Naturally I expected something very cutting, the more so that a kindly supporter threw me a shilling just then from the top of an omnibus, and a money-box not being so handy as a tambourine, I spent the next few seconds grovelling in the snow at the lady's feet. When I came up again, successful but apprehensive, I found her smiling blandly.
"If I were ten years younger I should be out in the street fighting with you," was the astonishing remark that accompanied a handsome donation to the war chest.
"Do come, all the same," I urged, caught by the lightning gleam in her little grey eye. But she shook her head and returned to the jet and the gold edging—a wicked waste of a warlike grey eye!

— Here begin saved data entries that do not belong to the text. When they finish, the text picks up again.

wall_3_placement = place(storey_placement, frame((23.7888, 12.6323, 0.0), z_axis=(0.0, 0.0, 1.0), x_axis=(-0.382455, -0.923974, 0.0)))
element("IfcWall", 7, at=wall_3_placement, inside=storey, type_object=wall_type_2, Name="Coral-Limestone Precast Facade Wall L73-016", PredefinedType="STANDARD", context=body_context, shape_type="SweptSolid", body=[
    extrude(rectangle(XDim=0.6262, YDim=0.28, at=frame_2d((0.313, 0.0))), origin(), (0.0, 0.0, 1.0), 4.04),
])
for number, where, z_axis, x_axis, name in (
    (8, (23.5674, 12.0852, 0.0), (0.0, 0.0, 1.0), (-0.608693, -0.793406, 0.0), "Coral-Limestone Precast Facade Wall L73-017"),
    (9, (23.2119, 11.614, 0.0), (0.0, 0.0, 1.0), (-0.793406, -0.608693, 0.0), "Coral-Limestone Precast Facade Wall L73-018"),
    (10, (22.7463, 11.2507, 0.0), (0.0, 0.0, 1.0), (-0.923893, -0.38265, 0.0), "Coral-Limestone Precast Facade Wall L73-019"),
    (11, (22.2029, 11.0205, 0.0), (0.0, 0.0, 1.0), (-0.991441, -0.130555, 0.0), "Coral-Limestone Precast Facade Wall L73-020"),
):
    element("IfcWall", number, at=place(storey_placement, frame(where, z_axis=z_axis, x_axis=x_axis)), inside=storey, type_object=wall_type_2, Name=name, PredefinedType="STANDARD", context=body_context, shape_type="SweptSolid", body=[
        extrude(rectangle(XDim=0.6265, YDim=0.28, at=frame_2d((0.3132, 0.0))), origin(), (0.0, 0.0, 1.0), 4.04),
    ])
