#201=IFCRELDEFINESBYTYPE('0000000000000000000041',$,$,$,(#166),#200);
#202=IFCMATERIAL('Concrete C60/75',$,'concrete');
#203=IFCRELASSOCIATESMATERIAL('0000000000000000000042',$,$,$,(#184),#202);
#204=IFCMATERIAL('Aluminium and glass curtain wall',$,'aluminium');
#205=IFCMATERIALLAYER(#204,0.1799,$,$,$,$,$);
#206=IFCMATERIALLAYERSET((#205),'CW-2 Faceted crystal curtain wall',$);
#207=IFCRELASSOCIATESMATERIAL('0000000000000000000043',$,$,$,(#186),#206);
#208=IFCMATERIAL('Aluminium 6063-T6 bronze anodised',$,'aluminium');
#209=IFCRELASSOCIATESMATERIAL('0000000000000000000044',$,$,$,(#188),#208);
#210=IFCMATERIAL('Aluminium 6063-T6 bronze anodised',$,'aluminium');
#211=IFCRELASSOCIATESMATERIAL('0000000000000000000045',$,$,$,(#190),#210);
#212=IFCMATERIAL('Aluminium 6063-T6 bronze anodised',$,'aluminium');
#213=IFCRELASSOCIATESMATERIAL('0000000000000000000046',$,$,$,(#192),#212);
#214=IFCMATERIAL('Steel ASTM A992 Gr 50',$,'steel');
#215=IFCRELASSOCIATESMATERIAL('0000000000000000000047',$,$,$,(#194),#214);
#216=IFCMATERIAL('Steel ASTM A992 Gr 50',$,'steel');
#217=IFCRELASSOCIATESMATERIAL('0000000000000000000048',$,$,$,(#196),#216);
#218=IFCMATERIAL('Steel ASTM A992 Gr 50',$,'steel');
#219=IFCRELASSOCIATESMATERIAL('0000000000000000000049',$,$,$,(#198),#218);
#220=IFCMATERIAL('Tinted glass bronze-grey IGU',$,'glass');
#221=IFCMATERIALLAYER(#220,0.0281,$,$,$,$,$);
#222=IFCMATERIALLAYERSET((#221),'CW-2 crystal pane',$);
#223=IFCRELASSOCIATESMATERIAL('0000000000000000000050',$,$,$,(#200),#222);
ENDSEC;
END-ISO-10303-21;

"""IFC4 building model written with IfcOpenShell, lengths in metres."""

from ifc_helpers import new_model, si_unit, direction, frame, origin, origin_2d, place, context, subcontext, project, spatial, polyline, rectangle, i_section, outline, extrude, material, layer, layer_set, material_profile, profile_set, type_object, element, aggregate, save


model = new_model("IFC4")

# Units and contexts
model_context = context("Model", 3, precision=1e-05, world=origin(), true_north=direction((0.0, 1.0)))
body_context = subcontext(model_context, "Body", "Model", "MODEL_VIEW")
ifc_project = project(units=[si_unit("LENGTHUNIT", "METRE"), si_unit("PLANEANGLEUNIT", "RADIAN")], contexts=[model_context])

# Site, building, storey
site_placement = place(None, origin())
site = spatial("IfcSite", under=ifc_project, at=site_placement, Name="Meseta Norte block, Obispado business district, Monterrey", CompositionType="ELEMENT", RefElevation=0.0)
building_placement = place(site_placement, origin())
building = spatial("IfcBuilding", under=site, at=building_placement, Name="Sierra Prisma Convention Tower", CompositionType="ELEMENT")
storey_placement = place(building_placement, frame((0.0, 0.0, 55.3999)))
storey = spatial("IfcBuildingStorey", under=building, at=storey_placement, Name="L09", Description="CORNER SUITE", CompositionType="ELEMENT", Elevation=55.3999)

So the week drew to an end, and I was no longer to be numbered among those who are passed by at the edge of the pavement. In my foolishness I thought it would be easy to remain on friendly terms with my fellow-hawkers of yesterday; and with that idea in my mind I took an early opportunity of returning to the spot and buying a halfpenny pink paper and a penny white paper and a blue air-ball and a bunch of daffodils.
I met with a chilly civility from them all, with the exception of the flower lady, who shamelessly overcharged me for the daffodils.

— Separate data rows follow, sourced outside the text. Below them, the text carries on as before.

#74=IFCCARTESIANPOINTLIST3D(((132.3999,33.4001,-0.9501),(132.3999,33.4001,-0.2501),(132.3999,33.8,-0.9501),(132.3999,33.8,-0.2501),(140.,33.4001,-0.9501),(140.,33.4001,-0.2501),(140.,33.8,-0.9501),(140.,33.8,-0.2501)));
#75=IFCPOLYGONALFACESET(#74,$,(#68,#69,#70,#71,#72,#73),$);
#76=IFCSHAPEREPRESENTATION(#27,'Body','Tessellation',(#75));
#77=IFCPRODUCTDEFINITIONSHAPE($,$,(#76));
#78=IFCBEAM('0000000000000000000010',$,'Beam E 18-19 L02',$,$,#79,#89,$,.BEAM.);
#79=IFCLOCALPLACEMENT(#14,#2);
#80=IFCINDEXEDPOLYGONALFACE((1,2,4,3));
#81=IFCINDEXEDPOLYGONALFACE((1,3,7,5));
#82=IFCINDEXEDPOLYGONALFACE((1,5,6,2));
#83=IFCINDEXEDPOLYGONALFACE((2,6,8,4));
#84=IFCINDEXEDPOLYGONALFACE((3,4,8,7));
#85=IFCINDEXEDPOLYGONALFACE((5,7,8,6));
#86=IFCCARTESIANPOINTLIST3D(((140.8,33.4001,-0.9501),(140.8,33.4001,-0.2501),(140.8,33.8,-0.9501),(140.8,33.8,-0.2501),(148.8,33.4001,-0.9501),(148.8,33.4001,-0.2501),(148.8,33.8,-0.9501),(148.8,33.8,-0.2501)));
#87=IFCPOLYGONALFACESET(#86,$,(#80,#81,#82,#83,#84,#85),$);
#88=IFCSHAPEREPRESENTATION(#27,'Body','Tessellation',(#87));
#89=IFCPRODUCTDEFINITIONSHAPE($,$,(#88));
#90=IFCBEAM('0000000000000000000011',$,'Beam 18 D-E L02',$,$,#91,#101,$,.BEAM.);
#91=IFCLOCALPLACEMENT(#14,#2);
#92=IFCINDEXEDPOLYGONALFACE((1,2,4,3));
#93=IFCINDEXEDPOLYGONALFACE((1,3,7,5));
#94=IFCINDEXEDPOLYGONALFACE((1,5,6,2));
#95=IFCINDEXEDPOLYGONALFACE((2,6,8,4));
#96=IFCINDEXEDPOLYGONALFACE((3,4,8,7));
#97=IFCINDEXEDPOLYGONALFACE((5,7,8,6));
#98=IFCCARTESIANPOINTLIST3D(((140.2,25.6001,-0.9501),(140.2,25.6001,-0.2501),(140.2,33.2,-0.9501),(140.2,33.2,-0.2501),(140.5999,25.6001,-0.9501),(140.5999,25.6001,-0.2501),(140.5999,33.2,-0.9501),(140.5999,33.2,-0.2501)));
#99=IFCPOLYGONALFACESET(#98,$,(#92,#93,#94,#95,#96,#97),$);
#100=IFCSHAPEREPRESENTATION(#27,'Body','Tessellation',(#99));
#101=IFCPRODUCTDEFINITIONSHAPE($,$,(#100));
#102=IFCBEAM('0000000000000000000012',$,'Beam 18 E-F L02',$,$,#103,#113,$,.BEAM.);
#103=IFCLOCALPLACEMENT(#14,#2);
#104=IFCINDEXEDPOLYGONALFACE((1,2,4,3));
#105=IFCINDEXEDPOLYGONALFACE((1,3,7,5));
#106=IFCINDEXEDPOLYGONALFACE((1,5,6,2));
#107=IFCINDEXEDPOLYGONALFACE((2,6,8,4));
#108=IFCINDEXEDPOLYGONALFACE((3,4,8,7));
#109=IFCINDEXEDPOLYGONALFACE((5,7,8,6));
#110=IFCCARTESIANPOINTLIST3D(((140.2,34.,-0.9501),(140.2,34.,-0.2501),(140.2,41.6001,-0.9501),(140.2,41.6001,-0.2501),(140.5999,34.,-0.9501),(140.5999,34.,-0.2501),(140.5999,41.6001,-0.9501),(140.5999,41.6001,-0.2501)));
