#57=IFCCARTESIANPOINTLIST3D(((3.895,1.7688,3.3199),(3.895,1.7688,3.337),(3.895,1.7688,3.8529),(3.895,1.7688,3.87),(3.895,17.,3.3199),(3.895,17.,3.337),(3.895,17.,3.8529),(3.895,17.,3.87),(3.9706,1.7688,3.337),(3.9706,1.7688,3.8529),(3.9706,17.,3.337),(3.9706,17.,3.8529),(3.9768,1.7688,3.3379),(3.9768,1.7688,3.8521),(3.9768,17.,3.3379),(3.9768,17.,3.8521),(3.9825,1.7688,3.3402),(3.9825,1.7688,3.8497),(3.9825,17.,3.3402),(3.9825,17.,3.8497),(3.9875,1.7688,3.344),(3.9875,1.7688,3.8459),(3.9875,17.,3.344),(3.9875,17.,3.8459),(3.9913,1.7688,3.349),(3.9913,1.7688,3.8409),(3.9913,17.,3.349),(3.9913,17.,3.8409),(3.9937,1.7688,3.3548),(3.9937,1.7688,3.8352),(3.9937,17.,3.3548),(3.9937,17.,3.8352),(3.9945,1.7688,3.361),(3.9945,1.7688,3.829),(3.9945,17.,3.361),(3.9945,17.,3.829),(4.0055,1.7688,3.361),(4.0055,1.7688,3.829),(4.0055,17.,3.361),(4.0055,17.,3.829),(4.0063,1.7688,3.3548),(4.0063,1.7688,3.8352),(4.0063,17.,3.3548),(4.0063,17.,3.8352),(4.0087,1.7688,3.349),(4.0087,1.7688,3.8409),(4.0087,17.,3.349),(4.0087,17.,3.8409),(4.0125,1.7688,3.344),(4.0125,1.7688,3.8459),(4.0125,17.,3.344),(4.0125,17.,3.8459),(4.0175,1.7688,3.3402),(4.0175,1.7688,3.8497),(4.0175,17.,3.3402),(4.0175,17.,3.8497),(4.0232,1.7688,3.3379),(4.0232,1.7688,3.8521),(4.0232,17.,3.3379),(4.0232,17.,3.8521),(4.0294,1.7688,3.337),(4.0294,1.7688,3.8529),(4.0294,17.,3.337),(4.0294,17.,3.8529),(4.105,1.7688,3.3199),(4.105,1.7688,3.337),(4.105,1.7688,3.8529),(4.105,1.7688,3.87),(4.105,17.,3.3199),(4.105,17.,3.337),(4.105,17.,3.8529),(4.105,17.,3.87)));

"Yes, lady, they are dear this morning; cost me that in the market, they did—thank you, lady, much obliged, I'm sure. Yes, it is cold for a body, sitting out here all day."
That was all—from the friend and sister who had almost offered me her shawl, a week ago, because she saw me shivering.
The sun was shining, and the snow had gone, and I suppose the patch of sky at the western end of the street was all right. But I had been put back in my place as a passer-by; and neither sun nor sky belonged to me any longer.